I have an hour to kill until I have to leave for my appointment with my SPN. If I dawdle over this post that should take up an hour. I also have to make new cigarettes, so that will take some time too. Of course, I can't finish this post, because I will have to let you know what my SPN said about me wanting to quit my medications. And I still have to walk the dog. So I better do all those things first. I don't like waiting for something to happen. I'm too impatient for that. I bid you adieu, until we meet again...

--------------------

Well, I'm completely wiped out from walking to my SPN's office and back and it felt like my toes were going to drop off because of the boots I was wearing. The next time I'm not going to be vain and wear my hiking boots and not fashionable boots with pointy toes.

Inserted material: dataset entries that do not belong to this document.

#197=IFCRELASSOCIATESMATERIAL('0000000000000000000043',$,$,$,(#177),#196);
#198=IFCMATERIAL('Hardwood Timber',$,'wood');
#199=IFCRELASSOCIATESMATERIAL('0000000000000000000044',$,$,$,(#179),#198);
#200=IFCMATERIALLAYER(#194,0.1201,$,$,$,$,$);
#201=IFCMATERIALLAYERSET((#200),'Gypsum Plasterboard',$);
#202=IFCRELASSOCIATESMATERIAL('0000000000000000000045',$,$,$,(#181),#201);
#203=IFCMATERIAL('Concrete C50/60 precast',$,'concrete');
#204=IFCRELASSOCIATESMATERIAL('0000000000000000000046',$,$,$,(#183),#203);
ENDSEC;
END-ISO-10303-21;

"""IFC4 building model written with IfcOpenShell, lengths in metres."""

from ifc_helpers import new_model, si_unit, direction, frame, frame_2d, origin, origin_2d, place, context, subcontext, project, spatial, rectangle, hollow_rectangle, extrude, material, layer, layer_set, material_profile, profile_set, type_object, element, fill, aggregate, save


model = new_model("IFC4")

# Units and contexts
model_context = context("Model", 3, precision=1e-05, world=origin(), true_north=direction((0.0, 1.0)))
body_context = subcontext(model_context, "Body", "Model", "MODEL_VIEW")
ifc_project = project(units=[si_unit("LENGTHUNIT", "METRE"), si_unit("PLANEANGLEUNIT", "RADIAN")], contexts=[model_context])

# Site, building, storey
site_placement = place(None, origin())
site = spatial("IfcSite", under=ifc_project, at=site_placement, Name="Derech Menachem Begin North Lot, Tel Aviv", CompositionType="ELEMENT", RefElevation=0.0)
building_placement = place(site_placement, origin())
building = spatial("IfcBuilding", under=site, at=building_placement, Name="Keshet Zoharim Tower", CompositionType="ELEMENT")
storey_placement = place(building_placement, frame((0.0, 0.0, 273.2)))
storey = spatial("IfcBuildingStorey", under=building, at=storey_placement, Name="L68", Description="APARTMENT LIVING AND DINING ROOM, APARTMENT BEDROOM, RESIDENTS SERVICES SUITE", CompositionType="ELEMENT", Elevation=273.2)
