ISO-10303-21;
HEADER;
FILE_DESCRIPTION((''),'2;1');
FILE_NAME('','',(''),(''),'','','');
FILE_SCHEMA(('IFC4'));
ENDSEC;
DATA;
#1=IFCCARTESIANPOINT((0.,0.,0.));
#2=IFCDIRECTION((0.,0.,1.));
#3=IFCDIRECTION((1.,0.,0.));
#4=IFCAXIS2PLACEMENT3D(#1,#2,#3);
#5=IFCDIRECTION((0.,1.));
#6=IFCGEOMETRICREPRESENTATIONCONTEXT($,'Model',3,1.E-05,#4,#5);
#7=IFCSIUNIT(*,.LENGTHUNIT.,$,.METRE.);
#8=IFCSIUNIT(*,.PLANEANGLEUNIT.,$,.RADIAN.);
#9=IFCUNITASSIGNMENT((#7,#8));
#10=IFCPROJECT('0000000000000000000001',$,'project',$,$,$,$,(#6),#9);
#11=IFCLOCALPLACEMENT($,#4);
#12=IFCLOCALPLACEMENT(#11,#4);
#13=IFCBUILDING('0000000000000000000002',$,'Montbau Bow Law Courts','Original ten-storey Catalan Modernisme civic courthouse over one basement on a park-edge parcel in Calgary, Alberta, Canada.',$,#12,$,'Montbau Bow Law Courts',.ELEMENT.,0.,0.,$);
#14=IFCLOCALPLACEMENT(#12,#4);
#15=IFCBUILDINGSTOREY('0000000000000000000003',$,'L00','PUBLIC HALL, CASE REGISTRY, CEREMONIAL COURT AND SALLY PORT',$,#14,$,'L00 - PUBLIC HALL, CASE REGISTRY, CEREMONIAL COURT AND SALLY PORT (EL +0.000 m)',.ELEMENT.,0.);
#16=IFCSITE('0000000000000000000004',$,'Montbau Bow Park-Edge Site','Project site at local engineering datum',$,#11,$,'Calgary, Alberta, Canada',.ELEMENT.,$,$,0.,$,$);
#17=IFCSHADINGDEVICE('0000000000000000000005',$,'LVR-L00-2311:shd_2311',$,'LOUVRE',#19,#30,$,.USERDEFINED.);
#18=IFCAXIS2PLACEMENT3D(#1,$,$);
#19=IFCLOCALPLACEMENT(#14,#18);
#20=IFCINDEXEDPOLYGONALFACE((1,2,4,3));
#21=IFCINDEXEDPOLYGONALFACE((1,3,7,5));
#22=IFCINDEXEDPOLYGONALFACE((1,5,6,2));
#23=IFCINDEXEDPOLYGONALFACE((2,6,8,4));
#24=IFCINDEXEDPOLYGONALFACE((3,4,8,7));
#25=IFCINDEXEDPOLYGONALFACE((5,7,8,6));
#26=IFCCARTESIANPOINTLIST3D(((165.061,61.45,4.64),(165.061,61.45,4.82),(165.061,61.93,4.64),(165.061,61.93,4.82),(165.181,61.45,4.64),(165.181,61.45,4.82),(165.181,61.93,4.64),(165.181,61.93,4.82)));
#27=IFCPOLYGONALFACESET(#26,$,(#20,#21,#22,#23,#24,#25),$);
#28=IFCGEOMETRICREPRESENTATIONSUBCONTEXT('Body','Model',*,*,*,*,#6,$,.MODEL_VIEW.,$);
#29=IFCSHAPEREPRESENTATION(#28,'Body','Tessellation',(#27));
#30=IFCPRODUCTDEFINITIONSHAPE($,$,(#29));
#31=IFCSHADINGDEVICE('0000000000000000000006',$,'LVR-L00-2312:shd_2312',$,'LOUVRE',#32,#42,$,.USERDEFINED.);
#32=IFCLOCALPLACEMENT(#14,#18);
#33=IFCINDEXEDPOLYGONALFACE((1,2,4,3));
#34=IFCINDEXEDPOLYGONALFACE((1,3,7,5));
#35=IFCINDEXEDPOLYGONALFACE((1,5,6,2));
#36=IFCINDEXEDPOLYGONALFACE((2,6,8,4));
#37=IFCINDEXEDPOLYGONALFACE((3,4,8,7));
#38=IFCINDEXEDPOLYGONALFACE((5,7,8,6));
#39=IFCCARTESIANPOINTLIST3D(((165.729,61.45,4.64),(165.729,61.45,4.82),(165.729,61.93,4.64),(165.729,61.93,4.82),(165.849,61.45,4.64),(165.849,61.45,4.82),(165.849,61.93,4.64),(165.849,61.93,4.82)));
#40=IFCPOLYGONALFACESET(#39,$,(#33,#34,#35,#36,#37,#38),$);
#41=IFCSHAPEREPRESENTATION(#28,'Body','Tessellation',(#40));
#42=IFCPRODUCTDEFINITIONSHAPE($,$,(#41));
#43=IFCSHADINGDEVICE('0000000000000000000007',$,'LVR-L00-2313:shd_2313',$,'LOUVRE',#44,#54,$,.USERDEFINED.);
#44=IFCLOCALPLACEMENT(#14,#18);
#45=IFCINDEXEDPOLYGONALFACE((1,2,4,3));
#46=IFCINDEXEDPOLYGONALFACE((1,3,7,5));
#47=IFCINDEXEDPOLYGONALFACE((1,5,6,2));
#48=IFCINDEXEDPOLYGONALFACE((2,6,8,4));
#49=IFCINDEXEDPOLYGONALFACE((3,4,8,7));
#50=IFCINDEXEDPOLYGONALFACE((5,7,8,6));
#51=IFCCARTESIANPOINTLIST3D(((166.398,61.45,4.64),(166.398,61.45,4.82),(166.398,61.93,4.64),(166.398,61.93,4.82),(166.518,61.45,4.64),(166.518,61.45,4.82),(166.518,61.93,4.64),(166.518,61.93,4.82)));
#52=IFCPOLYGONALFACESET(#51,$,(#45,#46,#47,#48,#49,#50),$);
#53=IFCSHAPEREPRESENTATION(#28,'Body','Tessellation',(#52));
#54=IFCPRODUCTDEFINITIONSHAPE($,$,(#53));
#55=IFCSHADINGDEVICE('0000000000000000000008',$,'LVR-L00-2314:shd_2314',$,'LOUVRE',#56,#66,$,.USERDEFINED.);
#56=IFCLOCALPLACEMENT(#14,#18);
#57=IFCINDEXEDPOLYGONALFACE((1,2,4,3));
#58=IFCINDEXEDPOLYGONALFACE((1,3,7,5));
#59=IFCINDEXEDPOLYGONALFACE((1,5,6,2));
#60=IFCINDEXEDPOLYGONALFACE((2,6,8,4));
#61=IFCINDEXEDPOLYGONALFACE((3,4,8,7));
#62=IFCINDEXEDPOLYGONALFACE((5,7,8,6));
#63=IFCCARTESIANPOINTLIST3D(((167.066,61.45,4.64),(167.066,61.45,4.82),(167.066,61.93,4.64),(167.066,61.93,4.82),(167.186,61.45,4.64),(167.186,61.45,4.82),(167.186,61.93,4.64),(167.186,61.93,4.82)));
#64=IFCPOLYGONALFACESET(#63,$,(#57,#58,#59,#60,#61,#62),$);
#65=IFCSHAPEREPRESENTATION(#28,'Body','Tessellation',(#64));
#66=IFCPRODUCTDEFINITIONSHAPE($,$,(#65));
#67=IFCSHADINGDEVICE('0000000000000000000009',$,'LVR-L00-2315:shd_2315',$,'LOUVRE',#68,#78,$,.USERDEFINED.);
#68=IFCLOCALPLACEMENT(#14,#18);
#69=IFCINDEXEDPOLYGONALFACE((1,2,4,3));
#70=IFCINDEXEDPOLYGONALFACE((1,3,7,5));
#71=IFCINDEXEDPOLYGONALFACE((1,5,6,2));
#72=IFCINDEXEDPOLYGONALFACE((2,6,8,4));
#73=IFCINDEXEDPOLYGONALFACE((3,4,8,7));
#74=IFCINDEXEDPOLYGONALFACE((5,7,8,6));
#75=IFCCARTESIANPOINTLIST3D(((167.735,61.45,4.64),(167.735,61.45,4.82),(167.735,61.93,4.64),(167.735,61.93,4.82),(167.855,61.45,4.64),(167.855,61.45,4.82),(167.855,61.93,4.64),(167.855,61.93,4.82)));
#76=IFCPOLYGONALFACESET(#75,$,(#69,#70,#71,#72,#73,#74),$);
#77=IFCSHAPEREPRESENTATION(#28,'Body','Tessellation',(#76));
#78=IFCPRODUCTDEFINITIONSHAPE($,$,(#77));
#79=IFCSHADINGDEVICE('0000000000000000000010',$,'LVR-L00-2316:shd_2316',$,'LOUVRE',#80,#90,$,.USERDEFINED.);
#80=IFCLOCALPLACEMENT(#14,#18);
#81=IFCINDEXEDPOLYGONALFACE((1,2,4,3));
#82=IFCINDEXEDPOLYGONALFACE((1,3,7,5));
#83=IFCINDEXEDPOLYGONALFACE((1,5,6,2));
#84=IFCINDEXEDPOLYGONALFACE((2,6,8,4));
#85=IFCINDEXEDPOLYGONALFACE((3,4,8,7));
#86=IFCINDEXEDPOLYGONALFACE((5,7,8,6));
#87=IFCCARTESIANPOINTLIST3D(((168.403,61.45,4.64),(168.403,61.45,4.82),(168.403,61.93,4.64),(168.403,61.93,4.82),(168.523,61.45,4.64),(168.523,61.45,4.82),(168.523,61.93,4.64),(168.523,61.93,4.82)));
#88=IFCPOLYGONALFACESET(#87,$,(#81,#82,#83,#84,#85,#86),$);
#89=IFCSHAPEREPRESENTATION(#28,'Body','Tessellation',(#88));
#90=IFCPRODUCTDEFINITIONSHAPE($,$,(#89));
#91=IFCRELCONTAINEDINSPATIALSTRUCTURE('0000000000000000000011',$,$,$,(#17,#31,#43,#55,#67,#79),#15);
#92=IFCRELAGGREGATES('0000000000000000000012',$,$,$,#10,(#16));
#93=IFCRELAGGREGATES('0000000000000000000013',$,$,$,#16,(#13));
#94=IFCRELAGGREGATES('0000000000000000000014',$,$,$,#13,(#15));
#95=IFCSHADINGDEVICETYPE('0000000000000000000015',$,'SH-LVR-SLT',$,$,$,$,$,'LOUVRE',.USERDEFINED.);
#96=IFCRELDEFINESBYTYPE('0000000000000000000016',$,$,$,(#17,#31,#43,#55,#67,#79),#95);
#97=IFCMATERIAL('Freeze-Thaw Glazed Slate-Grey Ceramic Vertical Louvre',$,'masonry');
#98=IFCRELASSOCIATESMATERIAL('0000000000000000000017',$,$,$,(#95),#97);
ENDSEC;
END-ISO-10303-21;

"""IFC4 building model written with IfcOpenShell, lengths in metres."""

from ifc_helpers import new_model, si_unit, direction, frame, origin_with_axes, origin_2d_with_axis, place, context, subcontext, project, spatial, rectangle, extrude, material, type_object, element, save


model = new_model("IFC4")

# Units and contexts
model_context = context("Model", 3, precision=1e-05, world=origin_with_axes(), true_north=direction((0.0, 1.0)))
body_context = subcontext(model_context, "Body", "Model", "MODEL_VIEW")
ifc_project = project(units=[si_unit("LENGTHUNIT", "METRE"), si_unit("PLANEANGLEUNIT", "RADIAN")], contexts=[model_context])

# Site, building, storey
site_placement = place(None, origin_with_axes())
site = spatial("IfcSite", under=ifc_project, at=site_placement, Name="Montbau Bow Park-Edge Site", Description="Project site at local engineering datum", LongName="Calgary, Alberta, Canada", CompositionType="ELEMENT", RefElevation=0.0)
building_placement = place(site_placement, origin_with_axes())
building = spatial("IfcBuilding", under=site, at=building_placement, Name="Montbau Bow Law Courts", Description="Original ten-storey Catalan Modernisme civic courthouse over one basement on a park-edge parcel in Calgary, Alberta, Canada.", LongName="Montbau Bow Law Courts", CompositionType="ELEMENT", ElevationOfRefHeight=0.0, ElevationOfTerrain=0.0)
storey_placement = place(building_placement, origin_with_axes())
storey = spatial("IfcBuildingStorey", under=building, at=storey_placement, Name="L00", Description="PUBLIC HALL, CASE REGISTRY, CEREMONIAL COURT AND SALLY PORT", LongName="L00 - PUBLIC HALL, CASE REGISTRY, CEREMONIAL COURT AND SALLY PORT (EL +0.000 m)", CompositionType="ELEMENT", Elevation=0.0)

# Shading devices
ifc_material_1 = material(Name="Freeze-Thaw Glazed Slate-Grey Ceramic Vertical Louvre", Category="masonry")
shading_device_type = type_object("IfcShadingDeviceType", Name="SH-LVR-SLT", ElementType="LOUVRE", PredefinedType="USERDEFINED", material=ifc_material_1)
for number, where, z_axis, x_axis, name in (
    (1, (165.121, 61.69, 4.64), (0.0, 0.0, 1.0), (0.0, -1.0, 0.0), "LVR-L00-2311:shd_2311"),
    (2, (165.789, 61.69, 4.64), (0.0, 0.0, 1.0), (0.0, -1.0, 0.0), "LVR-L00-2312:shd_2312"),
    (3, (166.458, 61.69, 4.64), (0.0, 0.0, 1.0), (0.0, -1.0, 0.0), "LVR-L00-2313:shd_2313"),
    (4, (167.126, 61.69, 4.64), (0.0, 0.0, 1.0), (0.0, -1.0, 0.0), "LVR-L00-2314:shd_2314"),
    (5, (167.795, 61.69, 4.64), (0.0, 0.0, 1.0), (0.0, -1.0, 0.0), "LVR-L00-2315:shd_2315"),
    (6, (168.463, 61.69, 4.64), (0.0, 0.0, 1.0), (0.0, -1.0, 0.0), "LVR-L00-2316:shd_2316"),
):
    element("IfcShadingDevice", number, at=place(None, frame(where, z_axis=z_axis, x_axis=x_axis)), inside=storey, type_object=shading_device_type, Name=name, ObjectType="LOUVRE", PredefinedType="USERDEFINED", context=body_context, shape_type="SweptSolid", body=[
        extrude(rectangle(XDim=0.48, YDim=0.12, at=origin_2d_with_axis()), origin_with_axes(), (0.0, 0.0, 1.0), 0.18),
    ])

save(model, "model.ifc")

My appointment went fine and was not in the least bit negative. My SPN was not at all against the idea of my quitting my medication. She just wanted to know my motivation for doing so and I told her. But everything was fine and we're having an appointment about it with my psychiatrist on the 10th and I don't expect any problems.

I need to eat now and go lie down for a bit. I am exhausted. I guess I'm not quite over being sick yet. I don't have my stamina back anyway.

Ciao,
Nora

4 comments:

Wisewebwoman said...

You must be happy you've taken the action steps, GSW, good for you!
Change is tiring, once your sleep patterns are normalized you will feel more invigorated.
I'm going through a minor adjustment for a bit of jetlag right now and sleeping far too late for my own liking.
XO
WWW

aims said...

Hooray!!!!!!

I'm so happy for you my friend! What a great step to take.

Yesterday I was at the hospital and I saw my former psychiatrist come around the corner. I was wearing my mask so he wouldn't really have recognized me but he looked at me long and hard.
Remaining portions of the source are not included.